The book was updated at the cusp of the deep learning renaissance and a second edition was released in 2012 including 13 new chapters.
The first chapter in both editions is titled “Efficient BackProp” written by Yann LeCun, Leon Bottou, (both at Facebook AI), Genevieve Orr, and Klaus-Robert Muller (also co-editors of the book).
The chapter is also available online for free as a pre-print.
The chapter was also summarized in a preface in both editions of the book titled “Speed Learning.”
It is an important chapter and document as it provides a near-exhaustive summary of how to best configure backpropagation under stochastic gradient descent as of 1998, and much of the advice is just as relevant today.

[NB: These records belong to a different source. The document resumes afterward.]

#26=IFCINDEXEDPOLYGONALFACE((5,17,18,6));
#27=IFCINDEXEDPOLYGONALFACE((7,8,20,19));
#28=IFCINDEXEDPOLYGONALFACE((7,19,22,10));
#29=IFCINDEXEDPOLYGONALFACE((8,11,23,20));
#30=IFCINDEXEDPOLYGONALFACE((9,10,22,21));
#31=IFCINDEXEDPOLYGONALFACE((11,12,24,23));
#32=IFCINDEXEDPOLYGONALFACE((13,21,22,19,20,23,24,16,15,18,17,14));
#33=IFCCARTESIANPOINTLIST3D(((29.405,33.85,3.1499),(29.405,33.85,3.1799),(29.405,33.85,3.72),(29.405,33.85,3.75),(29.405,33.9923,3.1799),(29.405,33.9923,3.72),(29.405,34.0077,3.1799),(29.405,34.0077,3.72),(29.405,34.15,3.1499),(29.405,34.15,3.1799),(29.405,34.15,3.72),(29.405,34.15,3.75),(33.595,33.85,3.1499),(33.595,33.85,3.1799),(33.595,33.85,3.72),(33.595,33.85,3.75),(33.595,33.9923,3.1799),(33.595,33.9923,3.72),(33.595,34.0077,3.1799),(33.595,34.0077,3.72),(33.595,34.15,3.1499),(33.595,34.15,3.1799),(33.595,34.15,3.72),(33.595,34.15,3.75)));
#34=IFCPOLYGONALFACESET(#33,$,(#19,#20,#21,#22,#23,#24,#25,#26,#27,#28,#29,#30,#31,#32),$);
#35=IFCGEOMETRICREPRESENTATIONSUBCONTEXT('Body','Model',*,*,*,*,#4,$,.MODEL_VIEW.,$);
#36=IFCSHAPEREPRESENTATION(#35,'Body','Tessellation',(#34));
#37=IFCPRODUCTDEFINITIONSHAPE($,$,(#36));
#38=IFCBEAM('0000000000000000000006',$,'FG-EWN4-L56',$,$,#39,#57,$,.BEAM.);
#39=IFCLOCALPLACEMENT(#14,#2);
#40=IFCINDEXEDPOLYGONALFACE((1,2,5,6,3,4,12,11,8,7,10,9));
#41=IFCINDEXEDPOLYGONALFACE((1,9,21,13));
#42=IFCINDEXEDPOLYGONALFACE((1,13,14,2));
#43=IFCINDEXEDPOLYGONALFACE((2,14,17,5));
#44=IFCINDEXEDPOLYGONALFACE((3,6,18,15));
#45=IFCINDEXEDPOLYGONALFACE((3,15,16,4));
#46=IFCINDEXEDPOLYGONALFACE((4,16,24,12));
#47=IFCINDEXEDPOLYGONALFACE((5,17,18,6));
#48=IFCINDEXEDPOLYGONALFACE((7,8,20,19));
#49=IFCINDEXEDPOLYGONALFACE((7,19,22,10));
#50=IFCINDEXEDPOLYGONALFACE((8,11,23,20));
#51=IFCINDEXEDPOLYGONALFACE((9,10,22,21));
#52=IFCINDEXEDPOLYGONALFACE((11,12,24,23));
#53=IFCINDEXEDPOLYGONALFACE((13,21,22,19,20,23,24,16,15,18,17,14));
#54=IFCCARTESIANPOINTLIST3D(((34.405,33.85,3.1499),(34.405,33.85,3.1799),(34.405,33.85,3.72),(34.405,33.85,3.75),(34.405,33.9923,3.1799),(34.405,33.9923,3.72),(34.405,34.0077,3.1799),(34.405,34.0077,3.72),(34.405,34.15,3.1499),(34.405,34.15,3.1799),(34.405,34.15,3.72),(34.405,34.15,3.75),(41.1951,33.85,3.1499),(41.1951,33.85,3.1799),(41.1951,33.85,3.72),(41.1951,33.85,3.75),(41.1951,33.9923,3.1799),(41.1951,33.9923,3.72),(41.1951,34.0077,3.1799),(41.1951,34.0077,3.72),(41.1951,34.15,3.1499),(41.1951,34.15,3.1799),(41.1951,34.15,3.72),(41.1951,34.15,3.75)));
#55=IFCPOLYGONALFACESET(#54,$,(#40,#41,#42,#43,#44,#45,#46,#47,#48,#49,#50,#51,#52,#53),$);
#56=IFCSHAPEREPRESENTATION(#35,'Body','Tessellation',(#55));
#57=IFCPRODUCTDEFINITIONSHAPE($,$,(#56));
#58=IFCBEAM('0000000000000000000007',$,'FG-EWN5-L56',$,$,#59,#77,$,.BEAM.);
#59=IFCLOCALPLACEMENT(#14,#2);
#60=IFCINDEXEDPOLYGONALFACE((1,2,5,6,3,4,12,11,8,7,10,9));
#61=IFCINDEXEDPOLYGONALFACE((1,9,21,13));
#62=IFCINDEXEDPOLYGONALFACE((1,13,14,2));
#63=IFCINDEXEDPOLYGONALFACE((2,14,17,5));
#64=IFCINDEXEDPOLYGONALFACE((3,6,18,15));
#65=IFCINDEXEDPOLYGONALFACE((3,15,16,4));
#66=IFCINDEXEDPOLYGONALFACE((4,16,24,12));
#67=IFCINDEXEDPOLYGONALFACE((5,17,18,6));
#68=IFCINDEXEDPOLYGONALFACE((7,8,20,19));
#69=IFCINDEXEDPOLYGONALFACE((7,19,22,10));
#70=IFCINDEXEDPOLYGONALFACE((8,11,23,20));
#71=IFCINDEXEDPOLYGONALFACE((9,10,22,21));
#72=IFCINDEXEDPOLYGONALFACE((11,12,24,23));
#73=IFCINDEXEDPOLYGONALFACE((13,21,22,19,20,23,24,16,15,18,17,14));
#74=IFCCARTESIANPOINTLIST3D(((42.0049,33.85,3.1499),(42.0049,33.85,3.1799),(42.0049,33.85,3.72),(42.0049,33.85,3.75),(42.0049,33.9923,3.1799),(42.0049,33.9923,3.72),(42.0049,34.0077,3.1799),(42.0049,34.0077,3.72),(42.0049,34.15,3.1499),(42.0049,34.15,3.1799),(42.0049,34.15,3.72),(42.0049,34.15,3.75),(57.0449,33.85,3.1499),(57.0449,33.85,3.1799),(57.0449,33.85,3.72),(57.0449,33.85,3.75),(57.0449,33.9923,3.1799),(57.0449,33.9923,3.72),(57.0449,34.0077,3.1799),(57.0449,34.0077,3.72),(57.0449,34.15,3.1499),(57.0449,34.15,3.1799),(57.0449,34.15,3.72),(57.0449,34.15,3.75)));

In this post, we will focus on this chapter or paper and attempt to distill the most relevant advice for modern deep learning practitioners.

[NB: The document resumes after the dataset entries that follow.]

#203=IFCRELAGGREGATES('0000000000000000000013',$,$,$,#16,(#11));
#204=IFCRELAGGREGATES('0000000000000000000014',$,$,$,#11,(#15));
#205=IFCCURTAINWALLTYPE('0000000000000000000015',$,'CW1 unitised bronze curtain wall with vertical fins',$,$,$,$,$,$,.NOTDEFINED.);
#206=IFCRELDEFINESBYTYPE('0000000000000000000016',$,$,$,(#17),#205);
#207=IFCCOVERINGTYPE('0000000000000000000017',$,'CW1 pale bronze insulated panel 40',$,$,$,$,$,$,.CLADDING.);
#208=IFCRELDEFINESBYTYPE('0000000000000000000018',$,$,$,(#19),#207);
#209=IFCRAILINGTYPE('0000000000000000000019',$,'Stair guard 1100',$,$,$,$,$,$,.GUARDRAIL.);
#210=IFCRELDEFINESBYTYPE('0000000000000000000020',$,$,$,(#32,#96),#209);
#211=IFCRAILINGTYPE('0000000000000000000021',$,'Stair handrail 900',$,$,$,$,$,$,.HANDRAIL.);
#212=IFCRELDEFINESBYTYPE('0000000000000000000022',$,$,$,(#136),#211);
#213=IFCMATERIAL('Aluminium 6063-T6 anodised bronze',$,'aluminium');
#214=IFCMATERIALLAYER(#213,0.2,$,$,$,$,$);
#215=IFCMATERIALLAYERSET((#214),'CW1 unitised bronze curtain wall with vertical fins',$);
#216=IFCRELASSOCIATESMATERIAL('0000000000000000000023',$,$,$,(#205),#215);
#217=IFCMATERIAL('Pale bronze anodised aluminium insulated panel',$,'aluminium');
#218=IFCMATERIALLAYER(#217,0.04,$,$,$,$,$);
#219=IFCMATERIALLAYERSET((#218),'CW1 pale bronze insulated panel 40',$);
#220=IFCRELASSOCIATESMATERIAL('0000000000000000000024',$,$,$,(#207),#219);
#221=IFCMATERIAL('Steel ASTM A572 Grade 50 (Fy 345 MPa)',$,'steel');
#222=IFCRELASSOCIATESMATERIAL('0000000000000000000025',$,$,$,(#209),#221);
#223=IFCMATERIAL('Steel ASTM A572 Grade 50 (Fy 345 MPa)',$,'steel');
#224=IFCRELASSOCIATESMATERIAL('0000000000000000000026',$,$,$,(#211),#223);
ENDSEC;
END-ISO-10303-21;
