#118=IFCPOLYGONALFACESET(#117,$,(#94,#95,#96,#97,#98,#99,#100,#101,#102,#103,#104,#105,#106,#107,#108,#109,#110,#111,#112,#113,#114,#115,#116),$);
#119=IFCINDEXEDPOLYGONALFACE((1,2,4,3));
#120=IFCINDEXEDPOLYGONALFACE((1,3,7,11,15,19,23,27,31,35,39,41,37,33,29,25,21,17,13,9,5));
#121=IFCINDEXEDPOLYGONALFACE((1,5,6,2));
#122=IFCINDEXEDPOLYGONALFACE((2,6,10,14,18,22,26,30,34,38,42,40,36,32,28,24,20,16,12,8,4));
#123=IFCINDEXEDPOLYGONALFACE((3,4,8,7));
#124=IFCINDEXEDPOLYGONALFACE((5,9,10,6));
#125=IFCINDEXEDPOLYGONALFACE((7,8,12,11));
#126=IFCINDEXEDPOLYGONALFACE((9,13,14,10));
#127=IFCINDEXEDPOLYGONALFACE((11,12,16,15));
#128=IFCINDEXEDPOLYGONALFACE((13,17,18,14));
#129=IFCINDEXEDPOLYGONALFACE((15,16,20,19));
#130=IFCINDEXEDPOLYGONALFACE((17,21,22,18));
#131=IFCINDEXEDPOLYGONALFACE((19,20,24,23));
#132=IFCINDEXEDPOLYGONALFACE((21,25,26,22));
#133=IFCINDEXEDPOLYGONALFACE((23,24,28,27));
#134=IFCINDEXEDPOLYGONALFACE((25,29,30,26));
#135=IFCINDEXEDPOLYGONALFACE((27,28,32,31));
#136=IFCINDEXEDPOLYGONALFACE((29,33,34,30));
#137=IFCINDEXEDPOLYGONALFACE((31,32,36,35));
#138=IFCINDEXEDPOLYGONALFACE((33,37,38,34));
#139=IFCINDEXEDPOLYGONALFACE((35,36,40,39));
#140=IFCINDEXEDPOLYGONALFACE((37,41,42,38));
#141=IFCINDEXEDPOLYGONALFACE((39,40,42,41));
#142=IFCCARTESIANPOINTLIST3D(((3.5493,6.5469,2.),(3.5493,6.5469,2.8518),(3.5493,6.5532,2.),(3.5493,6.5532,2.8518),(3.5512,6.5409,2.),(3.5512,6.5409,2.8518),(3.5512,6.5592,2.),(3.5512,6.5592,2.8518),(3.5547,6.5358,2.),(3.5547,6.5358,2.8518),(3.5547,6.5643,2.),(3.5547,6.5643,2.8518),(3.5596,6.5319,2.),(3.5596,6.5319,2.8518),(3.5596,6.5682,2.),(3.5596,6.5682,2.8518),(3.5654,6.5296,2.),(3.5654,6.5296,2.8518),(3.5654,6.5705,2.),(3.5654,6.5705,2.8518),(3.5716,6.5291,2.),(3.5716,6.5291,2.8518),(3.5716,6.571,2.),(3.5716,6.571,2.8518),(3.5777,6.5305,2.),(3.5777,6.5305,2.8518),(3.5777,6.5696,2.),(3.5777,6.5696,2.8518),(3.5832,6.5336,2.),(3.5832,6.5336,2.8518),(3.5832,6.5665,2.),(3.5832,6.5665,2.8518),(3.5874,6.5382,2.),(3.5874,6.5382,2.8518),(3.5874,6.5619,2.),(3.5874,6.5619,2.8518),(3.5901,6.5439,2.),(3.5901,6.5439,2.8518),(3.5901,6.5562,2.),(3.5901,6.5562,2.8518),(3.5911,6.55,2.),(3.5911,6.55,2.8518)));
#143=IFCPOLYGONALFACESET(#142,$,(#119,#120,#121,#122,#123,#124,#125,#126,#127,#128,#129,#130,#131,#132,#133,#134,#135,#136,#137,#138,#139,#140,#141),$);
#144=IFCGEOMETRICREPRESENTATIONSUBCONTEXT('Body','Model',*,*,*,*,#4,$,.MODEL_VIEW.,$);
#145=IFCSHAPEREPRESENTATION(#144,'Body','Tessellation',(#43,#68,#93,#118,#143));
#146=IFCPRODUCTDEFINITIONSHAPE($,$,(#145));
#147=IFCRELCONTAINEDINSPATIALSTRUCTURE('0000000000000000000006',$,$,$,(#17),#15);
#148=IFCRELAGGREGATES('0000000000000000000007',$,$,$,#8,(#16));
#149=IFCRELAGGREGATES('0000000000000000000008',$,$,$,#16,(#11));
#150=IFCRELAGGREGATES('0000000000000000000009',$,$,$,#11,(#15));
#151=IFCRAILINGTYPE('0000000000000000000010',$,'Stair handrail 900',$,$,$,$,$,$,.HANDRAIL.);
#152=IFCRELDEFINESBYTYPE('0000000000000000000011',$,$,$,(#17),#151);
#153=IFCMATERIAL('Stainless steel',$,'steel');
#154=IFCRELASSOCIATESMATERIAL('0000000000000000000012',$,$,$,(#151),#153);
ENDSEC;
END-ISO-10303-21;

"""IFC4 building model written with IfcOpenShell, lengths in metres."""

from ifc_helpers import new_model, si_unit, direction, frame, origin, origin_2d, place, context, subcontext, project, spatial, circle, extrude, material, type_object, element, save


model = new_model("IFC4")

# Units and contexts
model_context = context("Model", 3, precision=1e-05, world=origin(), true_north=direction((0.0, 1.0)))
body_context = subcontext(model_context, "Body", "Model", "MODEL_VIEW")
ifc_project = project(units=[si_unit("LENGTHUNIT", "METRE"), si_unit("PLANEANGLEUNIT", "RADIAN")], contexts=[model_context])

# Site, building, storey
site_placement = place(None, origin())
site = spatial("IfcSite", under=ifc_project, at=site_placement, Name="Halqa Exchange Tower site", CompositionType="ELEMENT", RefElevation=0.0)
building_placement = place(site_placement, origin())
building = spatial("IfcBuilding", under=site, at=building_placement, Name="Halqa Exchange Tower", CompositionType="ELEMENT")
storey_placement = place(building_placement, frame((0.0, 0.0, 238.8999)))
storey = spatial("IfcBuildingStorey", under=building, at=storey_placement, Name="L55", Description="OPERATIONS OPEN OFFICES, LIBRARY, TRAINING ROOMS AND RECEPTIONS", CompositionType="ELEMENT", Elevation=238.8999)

For reference, the chapter is divided into 10 sections; they are:
- 1.1: Introduction
- 1.2: Learning and Generalization
- 1.3: Standard Backpropagation
- 1.4: A Few Practical Tricks
- 1.5: Convergence of Gradient Descent
- 1.6: Classical Second Order Optimization Methods
- 1.7: Tricks to Compute the Hessian Information in Multilayer Networks
- 1.8: Analysis of the Hessian in Multi-layer Networks
- 1.9: Applying Second Order Methods to Multilayer Networks
- 1.10: Discussion and Conclusion
We will focus on the tips and tricks for configuring backpropagation and stochastic gradient descent.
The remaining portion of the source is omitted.